Use of the airflow path insert 124, and the resultant longer modified airflow path 134 that it creates, is also beneficial for preventing ash or other debris from reaching the user's mouth, as discussed above with respect to the first embodiment.
Use of the airflow path insert 124 also creates a larger interior surface area inside the pipe 100, along the insert adjusted airflow path 132, that would otherwise not be present. This increased surface area inside the pipe 100, along the insert adjusted airflow path 132 also serves to reduce inhalation of ash and debris, as discussed above with respect to the first embodiment.
In a preferred embodiment, the airflow path insert 124 is configured such that the increased interior surface area inside the pipe 100, along the insert adjusted airflow path 134 is 3383 mm², and the empty interior surface area (without the airflow path insert 124) is 1523 mm². This can be understood to be an interior surface area ratio, which is determined by dividing the value of the modified interior surface area by the value of the empty interior surface area.

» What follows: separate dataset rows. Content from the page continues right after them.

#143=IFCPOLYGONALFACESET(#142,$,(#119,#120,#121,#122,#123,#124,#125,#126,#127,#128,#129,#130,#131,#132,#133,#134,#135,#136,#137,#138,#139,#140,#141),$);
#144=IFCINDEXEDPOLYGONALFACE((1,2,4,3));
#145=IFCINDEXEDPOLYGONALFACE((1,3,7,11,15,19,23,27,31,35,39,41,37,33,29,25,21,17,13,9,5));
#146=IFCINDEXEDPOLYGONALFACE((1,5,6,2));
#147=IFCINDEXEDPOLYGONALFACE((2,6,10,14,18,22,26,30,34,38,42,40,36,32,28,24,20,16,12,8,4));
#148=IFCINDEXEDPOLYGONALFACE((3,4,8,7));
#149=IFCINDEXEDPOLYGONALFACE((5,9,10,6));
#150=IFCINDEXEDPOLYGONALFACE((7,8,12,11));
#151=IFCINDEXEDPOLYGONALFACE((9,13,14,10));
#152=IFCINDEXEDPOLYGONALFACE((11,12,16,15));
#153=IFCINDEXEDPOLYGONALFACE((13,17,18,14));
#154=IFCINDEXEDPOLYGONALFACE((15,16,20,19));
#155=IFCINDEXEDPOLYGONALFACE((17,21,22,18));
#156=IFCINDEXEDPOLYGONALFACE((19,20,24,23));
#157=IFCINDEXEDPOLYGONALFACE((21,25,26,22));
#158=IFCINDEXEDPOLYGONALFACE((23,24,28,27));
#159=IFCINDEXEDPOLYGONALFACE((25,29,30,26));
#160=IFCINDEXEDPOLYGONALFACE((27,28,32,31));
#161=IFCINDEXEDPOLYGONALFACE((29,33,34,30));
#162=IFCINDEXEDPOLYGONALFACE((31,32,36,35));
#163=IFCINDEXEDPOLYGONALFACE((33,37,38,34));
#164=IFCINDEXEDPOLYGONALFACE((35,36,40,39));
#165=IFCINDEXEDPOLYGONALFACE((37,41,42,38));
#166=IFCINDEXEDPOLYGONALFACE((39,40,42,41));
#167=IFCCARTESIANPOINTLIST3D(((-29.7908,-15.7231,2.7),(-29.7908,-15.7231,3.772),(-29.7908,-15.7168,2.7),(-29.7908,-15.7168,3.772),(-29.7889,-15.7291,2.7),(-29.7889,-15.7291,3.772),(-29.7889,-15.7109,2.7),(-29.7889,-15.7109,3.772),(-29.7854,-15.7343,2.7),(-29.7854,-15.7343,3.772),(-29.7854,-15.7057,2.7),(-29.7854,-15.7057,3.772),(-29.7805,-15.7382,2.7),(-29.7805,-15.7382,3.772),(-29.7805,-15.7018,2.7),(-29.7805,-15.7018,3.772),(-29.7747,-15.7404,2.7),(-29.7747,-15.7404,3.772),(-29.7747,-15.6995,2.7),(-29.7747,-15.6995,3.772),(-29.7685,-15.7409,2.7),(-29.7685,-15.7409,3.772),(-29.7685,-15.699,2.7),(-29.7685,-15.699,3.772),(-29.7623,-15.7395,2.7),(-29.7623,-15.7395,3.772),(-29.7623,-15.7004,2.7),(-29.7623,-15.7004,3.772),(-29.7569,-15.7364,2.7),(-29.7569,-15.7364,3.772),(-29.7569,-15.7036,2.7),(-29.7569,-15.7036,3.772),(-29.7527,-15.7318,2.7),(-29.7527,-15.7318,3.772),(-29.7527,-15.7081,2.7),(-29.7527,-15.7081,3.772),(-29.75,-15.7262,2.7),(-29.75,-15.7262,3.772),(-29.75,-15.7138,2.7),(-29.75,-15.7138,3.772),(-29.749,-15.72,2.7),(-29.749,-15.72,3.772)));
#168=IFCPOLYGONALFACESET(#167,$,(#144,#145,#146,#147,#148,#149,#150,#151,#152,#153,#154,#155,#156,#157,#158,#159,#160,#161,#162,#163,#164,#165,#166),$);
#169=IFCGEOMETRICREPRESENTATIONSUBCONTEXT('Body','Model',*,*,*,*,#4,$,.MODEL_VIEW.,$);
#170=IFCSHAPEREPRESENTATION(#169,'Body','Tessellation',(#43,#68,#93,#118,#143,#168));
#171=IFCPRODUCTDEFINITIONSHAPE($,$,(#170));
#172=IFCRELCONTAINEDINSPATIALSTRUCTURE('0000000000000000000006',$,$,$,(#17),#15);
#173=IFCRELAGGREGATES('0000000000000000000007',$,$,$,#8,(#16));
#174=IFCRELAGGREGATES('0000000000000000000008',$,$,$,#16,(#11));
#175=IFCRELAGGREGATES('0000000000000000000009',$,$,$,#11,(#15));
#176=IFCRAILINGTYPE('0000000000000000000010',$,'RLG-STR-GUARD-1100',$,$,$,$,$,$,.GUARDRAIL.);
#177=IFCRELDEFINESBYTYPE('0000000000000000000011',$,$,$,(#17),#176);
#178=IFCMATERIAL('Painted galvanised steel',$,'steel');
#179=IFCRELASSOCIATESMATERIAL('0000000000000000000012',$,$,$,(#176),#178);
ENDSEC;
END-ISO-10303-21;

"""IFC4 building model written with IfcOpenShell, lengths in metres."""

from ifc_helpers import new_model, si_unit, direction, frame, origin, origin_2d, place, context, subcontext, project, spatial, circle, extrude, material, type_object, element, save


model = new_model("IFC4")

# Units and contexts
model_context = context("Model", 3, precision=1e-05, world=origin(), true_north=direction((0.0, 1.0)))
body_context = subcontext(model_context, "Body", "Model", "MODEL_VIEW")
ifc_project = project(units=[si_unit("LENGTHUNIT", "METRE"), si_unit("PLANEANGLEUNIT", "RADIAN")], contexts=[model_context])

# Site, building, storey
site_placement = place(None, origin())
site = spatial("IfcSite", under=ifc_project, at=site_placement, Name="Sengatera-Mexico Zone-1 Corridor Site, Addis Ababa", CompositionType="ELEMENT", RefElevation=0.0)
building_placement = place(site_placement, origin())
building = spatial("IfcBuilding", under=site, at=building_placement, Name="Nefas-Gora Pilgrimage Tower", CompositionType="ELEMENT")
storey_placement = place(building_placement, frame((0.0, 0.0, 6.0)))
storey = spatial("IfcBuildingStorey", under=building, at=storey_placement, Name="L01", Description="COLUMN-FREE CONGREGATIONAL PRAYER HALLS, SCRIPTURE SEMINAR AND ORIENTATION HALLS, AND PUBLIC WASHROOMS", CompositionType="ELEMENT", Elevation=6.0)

In a preferred embodiment, the interior surface area ratio is equal or greater than 2.2.
In certain embodiments, it is possible to increase the interior surface area inside the pipe 100, along the modified airflow path 134 still further by configuring the airflow insert 124 to have dimples, stippling, ridges, and/or grooves (not shown) along the recess 130, on the entire airflow path insert 124, and/or on the interior wall 133 of the tubular sleeve body.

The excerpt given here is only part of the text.